How LASIK Compares to Contact Lenses
One useful way to think about LASIK safety is comparing it to the alternative most people are already using. Contact lenses carry their own risks, particularly microbial keratitis, a serious corneal infection. Research comparing the two found that just one year of extended-wear soft contact lens use led to three times as many cases of microbial keratitis as LASIK. Over a lifetime of contact lens wear, the cumulative infection risk adds up considerably. This doesn’t mean LASIK is automatically the safer choice for everyone, but it puts the risk in practical perspective.
Who Should Not Get LASIK
The safety of LASIK depends enormously on patient selection. Absolute contraindications include:
- Age under 18, because the eyes are still changing
- Unstable prescription, meaning your vision is still shifting year to year
- Keratoconus or other corneal diseases that weaken the cornea’s structure
- Poorly controlled dry eye
- Active autoimmune disease or poorly controlled diabetes, which impair healing
- Insufficient corneal thickness for the amount of correction needed
- Uncontrolled glaucoma or significant cataracts
- Unrealistic expectations, which the American Academy of Ophthalmology formally lists as a contraindication
Relative contraindications, meaning the procedure might still be possible but requires extra caution, include pregnancy or breastfeeding, age 18 to 21, use of certain medications like isotretinoin (commonly prescribed for acne) or amiodarone (a heart rhythm drug), history of eye inflammation, and having only one functional eye.
What Recovery Looks Like
Recovery is faster than most people expect. Most patients can drive within 24 hours and return to work in one to three days. You can shower the next day, though you’ll need to keep soap and shampoo out of your eyes for the first week. Eye makeup should wait a full week.

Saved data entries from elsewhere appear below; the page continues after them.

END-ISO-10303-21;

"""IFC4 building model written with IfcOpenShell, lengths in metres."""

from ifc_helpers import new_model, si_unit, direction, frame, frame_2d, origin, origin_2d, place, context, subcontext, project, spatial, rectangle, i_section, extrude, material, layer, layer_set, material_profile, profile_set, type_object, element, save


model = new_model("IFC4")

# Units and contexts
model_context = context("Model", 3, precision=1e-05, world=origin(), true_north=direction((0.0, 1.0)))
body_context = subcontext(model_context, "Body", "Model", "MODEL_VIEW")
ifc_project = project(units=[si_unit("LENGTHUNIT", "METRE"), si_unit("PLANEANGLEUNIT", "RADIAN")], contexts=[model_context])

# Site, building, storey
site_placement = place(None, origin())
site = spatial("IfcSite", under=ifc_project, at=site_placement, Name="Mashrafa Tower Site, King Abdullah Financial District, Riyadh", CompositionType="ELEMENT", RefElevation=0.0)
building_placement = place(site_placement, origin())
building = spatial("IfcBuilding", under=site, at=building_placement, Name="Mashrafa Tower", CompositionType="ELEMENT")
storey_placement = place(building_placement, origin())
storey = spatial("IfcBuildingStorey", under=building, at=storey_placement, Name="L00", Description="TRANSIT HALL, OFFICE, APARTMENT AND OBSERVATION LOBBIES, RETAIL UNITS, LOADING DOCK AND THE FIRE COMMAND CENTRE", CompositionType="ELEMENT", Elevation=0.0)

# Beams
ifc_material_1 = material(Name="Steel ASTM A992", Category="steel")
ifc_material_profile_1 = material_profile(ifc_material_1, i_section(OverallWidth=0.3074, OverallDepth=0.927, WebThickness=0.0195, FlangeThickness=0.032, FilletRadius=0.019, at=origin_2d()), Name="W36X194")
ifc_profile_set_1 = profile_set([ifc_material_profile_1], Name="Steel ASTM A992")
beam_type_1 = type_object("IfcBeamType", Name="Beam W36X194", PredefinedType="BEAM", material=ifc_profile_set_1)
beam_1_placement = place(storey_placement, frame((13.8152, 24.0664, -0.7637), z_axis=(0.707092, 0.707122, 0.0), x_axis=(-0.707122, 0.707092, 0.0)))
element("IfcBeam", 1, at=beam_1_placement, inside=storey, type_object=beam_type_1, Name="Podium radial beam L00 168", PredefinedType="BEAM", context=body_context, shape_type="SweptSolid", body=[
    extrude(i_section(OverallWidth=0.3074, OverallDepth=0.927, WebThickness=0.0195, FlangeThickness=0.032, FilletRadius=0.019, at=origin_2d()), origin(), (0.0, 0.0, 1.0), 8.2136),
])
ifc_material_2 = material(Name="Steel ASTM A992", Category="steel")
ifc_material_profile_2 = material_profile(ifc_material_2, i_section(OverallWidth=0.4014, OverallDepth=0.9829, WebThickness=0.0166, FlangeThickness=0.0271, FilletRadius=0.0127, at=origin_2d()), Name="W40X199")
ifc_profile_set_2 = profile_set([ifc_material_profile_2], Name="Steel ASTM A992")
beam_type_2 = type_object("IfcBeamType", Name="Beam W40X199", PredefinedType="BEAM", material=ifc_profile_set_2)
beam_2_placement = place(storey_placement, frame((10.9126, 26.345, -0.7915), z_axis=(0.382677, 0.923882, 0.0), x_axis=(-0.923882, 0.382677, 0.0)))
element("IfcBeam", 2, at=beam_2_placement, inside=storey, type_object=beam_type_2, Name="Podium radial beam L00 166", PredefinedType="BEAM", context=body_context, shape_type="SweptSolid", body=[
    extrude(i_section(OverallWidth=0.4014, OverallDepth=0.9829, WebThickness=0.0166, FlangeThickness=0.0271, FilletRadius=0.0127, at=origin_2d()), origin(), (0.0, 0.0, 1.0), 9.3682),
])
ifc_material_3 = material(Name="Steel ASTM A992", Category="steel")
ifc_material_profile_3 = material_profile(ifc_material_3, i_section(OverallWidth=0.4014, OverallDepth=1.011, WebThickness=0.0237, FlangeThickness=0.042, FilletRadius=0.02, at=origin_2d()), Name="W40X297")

Physical activity follows a graduated timeline. Light exercise like walking or a stationary bike is fine within three to seven days, as long as you keep sweat out of your eyes. Jogging and light weights can resume after about a week. Heavy lifting and intense workouts typically get the green light at one to two weeks, with a gradual ramp-up in intensity. The main concern during early recovery is anything that raises eye pressure or risks contact with your eyes.
Vision improvement is often noticeable within hours, but full stabilization takes longer. Some patients experience fluctuating clarity, light sensitivity, and nighttime halos during the first few weeks. These effects are part of the normal healing process and gradually resolve for most people.
The FDA’s Role in LASIK Oversight
The FDA approves the lasers used in LASIK and has taken an active role in monitoring how the procedure is marketed. In 2009 and again in 2011, the FDA issued letters to eye care professionals warning them about failing to adequately inform patients of the risks, limitations, and contraindications of the procedure. The agency also contacted the major professional societies in refractive surgery to push for more balanced advertising. If a clinic’s marketing makes LASIK sound completely risk-free or glosses over side effects, that’s a red flag worth paying attention to.
A thorough preoperative evaluation, including detailed corneal mapping, dry eye testing, and an honest discussion of what results you can realistically expect, is the single best predictor of a safe outcome. The procedure itself has a strong track record, but it’s only as safe as the screening process that determines whether you should have it in the first place.